# βρηκες κανα...



## Karina (Brazil/Portugal)

Hello to you all my friends!  fo so long I didnt came here!

For what I can see, this sentence:

vrikes *kana* kalo portogalo k mas ksexases emas.

means:

_You had found a good portuguese and forgot us._ right? 

But I didnt understand why this *"kana"* in the sentence... kana = εκανα = I made... swsta?  




I will be glad with your help, thank you


----------



## Kevman

Γεια σου Καρίνα!


Karina (Brazil/Portugal) said:


> kana = εκανα = I made... swsta?


Nope. 

Κάνα is another way to say *κανένα*, a sort of indefinite determiner.
The first vowel would only be dropped from έκανα if the word before it ended with a vowel, so that's one way you could rule it out in this case.

By the way, βρήκες is simply "you found." The past perfect tense ("you had found") is formed with έχω: είχες βρει.


----------



## pulcinella

I just add to the points Kevman made that the use of "kanena" usually indicates sth indefinite - in this phrase not only that the Portug. guy is not known to the speaker but that it is only a guess, a thought that is not certain, it's not a fact but sth the speaker supposes. And this is very well indicated with the use of ", right?" in the translation that you made Karina.


----------



## epam

i think the use of "right?" was not included in the translation, since it's clearly not underlined.
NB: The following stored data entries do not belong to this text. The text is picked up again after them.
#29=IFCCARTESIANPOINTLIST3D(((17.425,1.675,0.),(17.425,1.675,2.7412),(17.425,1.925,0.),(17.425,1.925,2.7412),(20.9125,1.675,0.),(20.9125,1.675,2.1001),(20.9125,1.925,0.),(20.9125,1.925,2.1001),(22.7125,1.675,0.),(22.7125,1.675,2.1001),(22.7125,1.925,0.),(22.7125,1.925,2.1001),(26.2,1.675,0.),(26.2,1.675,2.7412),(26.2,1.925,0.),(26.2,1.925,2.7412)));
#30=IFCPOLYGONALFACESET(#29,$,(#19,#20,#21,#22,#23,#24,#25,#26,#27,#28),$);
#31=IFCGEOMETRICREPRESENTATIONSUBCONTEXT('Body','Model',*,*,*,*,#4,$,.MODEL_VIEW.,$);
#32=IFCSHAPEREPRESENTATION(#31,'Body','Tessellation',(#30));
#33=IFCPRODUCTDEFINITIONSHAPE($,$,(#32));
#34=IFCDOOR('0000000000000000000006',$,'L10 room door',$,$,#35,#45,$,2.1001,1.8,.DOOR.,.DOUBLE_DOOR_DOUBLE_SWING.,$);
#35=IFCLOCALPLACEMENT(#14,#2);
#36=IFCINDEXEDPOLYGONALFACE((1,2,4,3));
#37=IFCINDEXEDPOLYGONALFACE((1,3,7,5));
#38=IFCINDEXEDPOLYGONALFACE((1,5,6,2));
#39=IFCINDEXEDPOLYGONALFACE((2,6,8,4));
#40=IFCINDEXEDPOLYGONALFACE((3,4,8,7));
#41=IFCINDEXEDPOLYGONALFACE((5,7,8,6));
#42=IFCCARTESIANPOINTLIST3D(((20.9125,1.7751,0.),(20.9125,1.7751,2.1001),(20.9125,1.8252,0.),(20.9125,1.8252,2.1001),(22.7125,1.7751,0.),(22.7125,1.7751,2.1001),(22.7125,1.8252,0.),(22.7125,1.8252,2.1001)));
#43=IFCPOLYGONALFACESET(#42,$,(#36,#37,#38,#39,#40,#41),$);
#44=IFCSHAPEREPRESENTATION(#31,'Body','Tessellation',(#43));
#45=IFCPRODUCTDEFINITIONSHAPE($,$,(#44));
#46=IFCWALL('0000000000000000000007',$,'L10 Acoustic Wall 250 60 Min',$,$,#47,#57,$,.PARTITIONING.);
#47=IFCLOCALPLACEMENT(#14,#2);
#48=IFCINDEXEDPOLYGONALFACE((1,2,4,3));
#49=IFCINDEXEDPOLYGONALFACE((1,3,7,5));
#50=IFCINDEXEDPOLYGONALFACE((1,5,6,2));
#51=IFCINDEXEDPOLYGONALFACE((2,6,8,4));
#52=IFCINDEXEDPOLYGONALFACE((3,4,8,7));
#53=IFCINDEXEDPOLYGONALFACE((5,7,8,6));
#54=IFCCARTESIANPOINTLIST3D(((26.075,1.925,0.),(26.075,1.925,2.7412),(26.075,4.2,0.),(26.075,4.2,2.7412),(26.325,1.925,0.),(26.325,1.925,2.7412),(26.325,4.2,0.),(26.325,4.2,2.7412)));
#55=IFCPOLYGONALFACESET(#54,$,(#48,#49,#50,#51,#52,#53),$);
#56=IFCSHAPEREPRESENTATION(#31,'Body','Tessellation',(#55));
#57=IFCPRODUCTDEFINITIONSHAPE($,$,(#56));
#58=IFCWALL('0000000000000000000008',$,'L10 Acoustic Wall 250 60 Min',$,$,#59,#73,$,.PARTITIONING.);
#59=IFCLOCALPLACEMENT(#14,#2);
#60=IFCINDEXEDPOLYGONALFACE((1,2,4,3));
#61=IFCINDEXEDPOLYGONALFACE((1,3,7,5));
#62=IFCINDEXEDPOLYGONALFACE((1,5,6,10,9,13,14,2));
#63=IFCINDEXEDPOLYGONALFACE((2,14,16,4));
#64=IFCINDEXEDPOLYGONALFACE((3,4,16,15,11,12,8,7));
The poster just asked if that was right, isn't that right?

How could you translate: Κανά δυό κιλά then?



Kevman said:


> Κάνα is another way to say *κανένα*, a sort of indefinite determiner.
> The first vowel would only be dropped from έκανα if the word before it ended with a vowel, so that's one way you could rule it out in this case.
> 
> By the way, βρήκες is simply "you found." The past perfect tense ("you had found") is formed with έχω: είχες βρεί


 
No! Translating Greek to English is not that simple. The question "Βρήκες κανά καλό Πορτογαλλό και μας ξέχασες εμάς;" could be translated to "Did you find any good Portuguese guy and forgotten about us?" or "Have you found any good Portuguese guy and forgotten about us?". I would, in my opinion, prefer the latter.  Tenses are not the same for Greek and English.

Κανά in this case could be translated to any.

By the way, it's wrong (totally wrong) to say "μας ξέχασες εμάς", since this phrase recurses on the same person. That person should have said "μας ξέχασες" or "μας έχεις ξεχάσει"


----------



## Vagabond

epam said:


> How could you translate: Κανά δυό κιλά then?


A kilo or two..?


> No! Translating Greek to English is not that simple. The question "Βρήκες κανά καλό Πορτογαλλό και μας ξέχασες εμάς;" could be translated to "Did you find any good Portuguese guy and forgotten about us?" or "Have you found any good Portuguese guy and forgotten about us?". I would, in my opinion, prefer the latter. Tenses are not the same for Greek and English.
> 
> Κανά in this case could be translated to any.


I'm sure Kev wasn't implying that "κανα" should be translated as "no one, nobody, no"; technically speaking, "κανα" is indeed a shortened "κανένα". The use is obviously different though, like you say.

Also, on the tenses matter; in British English, you'd absolutely use "have found", like you suggest. It is my understanding though, that in American English, simple past and present perfect are often used interchangeably.


> By the way, it's wrong (totally wrong) to say "μας ξέχασες εμάς", since this phrase recurses on the same person. That person should have said "μας ξέχασες" or "μας έχεις ξεχάσει"


Totally wrong?! I wouldn't say so. Repetitions like this are often used in Greek for emphasis. Μας ξέχασες εμάς, εμάς μας ξέχασες, εμάς μας έχεις γραμμένους etc are very, very common.


----------



## pulcinella

epam said:


> i think the use of "right?" was not included in the translation, since it's clearly not underlined. The poster just asked if that was right, isn't that right?
> 
> How could you translate: Κανά δυό κιλά then?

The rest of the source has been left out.